1. The Hilbert calculus, of which the most famous example is the 1928 Hilbert-Ackermann system of first-order logic;
2. Gerhard Gentzen's calculus of natural deduction, which is the first formalism of structural proof theory, and which is the cornerstone of the formulae-as-types correspondence relating logic to functional programming;
3. Gentzen's sequent calculus, which is the most studied formalism of structural proof theory.

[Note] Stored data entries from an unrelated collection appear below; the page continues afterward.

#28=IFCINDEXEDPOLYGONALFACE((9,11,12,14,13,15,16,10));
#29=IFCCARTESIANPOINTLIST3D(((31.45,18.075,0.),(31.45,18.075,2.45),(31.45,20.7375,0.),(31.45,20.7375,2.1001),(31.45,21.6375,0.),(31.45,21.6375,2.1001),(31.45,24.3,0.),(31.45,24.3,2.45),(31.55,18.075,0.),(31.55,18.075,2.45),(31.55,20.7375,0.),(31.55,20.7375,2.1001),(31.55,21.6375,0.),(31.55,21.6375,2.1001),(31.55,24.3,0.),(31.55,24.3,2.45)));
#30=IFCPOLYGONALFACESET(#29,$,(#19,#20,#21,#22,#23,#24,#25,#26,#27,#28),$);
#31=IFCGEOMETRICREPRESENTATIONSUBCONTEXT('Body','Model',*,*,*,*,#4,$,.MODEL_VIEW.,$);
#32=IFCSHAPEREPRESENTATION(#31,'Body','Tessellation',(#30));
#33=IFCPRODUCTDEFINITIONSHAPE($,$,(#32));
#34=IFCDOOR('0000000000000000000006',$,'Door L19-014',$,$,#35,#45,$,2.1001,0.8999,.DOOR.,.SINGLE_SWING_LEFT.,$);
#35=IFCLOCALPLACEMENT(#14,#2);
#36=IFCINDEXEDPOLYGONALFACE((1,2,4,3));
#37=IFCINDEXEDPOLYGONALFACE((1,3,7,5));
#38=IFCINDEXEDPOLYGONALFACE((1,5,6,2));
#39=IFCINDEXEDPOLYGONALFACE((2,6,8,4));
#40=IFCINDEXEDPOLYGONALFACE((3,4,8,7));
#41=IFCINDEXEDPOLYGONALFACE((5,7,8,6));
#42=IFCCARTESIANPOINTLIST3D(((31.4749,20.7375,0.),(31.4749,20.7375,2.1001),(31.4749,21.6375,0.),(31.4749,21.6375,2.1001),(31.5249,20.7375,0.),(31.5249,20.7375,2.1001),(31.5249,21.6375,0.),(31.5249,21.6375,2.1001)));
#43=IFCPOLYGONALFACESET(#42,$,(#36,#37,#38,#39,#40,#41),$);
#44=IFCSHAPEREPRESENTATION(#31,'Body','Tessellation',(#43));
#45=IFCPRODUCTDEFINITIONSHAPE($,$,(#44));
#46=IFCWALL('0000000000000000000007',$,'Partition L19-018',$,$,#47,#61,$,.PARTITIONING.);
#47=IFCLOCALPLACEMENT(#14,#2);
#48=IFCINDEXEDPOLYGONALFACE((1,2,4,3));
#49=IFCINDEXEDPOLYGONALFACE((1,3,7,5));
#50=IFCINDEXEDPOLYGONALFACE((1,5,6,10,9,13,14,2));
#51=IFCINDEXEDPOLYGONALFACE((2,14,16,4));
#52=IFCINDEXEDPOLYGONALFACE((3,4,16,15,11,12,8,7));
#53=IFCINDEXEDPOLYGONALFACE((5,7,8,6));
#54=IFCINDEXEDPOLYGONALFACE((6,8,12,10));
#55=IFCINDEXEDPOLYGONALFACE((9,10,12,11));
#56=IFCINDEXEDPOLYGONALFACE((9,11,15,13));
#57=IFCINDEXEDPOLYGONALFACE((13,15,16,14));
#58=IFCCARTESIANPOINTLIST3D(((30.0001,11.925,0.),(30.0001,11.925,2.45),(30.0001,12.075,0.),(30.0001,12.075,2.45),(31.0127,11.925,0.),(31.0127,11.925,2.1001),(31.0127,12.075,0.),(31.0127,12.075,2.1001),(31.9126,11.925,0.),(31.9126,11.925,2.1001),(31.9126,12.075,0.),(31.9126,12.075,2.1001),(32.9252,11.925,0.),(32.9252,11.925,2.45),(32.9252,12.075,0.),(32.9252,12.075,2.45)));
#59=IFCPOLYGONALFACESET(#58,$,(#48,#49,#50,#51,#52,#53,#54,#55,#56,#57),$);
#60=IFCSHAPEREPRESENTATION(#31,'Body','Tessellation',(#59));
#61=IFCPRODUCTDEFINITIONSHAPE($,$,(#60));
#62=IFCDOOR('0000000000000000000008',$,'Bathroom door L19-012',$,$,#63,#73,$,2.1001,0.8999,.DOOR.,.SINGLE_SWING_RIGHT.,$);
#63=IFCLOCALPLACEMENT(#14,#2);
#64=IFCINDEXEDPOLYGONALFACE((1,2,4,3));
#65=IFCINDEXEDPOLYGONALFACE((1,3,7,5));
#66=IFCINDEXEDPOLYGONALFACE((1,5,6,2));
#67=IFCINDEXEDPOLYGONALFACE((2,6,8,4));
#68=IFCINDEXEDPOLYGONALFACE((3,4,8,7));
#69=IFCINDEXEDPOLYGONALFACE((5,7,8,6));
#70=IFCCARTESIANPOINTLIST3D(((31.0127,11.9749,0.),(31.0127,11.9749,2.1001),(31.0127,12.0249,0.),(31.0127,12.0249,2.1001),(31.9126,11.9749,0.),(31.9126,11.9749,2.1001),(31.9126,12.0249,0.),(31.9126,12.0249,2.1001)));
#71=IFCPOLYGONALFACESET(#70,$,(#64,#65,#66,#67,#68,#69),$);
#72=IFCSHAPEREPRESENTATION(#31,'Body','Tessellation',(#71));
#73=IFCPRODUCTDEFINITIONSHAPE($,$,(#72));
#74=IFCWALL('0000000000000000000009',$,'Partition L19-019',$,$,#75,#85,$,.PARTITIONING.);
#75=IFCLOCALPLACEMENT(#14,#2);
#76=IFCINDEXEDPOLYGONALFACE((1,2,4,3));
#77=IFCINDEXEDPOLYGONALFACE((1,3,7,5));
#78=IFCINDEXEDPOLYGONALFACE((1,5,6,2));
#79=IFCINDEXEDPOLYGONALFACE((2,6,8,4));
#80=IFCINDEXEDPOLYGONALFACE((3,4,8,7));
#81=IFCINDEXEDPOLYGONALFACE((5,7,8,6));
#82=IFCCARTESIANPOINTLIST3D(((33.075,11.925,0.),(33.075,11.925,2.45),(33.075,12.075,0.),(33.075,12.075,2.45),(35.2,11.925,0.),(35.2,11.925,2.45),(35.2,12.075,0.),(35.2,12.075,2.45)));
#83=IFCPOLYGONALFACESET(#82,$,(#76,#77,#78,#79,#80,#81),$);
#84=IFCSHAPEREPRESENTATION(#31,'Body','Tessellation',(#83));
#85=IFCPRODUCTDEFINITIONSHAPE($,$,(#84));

Many other proof calculi were seminal, but are not widely used today:

1. Aristotle's system of syllogistic presented in the Organon readily admits formalisation. There is still some modern interest in syllogistic that is carried out under the aegis of term logic;
2. Gottlob Frege's two-dimensional notation of the Begriffsschrift that is usually regarded as introducing the modern concept of quantifier to logic;
3. C.S. Pierce's Existential graph might easily have been seminal, had history worked out differently.

Modern research in logic teems with rival proof calculi:

• Several systems have been proposed which replace the usual textual syntax with some graphical syntax.
• Recently, many logicians interested in structural proof theory have proposed calculi with deep inference, for instance display logic, hypersequents, the calculus of structures, and bunched implication.